1,000 Gifts…

September 29, 2010 § 4 Comments

I am going to join the Gratitude Community and start listing things for which I am thankful for…I hope you enjoy this list. It will become a regular part of my blog and I hope that it blesses you.

1. For God, that He created the Earth knowing He would have to send His Son and did it anyway. John 1

2. For Jesus, who did not consider equality with God something to be grasped. Oh thank You Jesus! Phillipians 2:3-8

3. For air to breathe

4. For good health for my husband, my kids, and myself

5. For a house that is more than we need so we can easily share with others

6. For my backyard that is a haven for my family

7. For my three precious children

8. For my 7 babies I got to hold in my womb, but not in  my arms

9. For my 3 babies lost to two tubal pregnancies (we can’t prove it, but I believe one of those pregnancies was twins)

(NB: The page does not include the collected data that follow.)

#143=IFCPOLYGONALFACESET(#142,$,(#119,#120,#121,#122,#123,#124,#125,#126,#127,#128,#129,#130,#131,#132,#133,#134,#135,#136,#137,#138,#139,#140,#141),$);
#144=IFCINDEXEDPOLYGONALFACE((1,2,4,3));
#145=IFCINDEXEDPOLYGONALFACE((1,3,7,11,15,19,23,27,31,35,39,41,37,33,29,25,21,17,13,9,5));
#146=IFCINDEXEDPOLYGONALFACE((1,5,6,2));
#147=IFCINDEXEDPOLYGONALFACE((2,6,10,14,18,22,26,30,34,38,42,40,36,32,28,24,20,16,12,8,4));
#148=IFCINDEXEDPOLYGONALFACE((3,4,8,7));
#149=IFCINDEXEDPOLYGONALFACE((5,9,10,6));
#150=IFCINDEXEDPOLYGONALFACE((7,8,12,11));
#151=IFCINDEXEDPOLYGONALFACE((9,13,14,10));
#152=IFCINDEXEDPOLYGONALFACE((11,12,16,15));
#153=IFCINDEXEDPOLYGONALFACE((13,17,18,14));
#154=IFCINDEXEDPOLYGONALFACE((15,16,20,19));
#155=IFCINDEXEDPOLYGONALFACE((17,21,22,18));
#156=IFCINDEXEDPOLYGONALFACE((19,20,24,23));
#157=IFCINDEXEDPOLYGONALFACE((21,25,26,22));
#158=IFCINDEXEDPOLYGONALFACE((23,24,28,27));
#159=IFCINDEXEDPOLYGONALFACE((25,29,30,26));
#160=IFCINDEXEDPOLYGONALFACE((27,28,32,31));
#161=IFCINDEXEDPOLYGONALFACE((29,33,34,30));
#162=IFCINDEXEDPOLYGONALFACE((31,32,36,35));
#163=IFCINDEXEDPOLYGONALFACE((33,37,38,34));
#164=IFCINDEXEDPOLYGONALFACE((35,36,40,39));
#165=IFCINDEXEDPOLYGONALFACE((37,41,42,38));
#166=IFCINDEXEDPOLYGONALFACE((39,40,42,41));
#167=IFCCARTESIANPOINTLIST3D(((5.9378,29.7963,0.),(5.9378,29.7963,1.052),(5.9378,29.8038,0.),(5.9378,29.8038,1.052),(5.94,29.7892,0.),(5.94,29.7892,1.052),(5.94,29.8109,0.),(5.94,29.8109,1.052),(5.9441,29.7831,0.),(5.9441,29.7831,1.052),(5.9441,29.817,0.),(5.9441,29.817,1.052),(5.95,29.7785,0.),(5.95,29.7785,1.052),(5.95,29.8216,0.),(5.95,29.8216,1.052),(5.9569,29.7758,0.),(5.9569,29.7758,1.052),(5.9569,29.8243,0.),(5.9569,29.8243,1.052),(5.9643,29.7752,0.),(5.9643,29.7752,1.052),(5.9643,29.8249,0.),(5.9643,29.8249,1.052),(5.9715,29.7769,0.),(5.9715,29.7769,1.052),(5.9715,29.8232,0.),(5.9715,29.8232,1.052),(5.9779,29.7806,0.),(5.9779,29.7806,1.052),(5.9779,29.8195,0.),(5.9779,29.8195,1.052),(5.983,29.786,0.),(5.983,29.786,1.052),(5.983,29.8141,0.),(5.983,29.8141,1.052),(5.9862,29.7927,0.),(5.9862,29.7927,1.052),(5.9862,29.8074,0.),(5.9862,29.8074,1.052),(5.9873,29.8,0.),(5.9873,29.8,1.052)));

10. For my 12 babies that lived in a dish, but not in my womb

11. For the finances to choose In-vitro as an option to grow our family

12. For sweet friends who encourage me (Heb 10:24-25)

13. For the smell of rain

14. For changing seasons

15. For laundry since I have clothes to wear

16. For food to eat

17. For clean water

18. For my church family

19. For the fellowship of suffering so that I get to know Jesus more (Phil 3:10)

20. That God uses the foolish things of this world to shame the wise (1 Cor 1:27)

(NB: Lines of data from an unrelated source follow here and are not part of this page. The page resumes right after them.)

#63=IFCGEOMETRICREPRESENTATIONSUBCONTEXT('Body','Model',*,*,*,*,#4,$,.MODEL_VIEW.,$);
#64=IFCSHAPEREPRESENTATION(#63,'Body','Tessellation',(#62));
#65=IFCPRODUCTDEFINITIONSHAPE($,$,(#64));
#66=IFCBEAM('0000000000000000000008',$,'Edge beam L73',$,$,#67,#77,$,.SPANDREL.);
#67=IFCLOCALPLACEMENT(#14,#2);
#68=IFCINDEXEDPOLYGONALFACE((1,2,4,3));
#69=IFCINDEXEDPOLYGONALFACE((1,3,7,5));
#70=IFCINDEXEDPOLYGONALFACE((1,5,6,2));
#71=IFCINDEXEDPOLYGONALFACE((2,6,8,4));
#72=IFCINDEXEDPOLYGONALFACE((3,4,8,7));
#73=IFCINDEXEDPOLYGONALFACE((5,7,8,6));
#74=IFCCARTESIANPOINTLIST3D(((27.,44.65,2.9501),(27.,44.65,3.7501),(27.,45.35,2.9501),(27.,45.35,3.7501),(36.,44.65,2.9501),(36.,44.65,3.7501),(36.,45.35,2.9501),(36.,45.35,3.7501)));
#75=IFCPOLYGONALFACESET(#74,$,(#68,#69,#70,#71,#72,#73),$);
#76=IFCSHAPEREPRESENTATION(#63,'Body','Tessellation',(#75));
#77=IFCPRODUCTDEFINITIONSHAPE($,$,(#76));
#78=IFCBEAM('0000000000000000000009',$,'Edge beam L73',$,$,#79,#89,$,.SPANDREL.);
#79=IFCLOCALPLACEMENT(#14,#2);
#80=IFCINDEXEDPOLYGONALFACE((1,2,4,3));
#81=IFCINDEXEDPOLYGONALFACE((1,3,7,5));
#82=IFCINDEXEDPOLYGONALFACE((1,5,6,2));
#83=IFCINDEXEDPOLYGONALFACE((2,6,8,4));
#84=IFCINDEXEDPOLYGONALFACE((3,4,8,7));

21. That my children play well together (mostly)

22. My youngest put poo-poo in the potty twice and peed in the potty (mostly) twice today

23. For my middle child who plays with her belly button when she feels tired.

24. For my youngest who lets me kiss his precious cheeks and then kisses mine in return.

25. For my oldest who will always keep me in line regardless if I ask her to or not.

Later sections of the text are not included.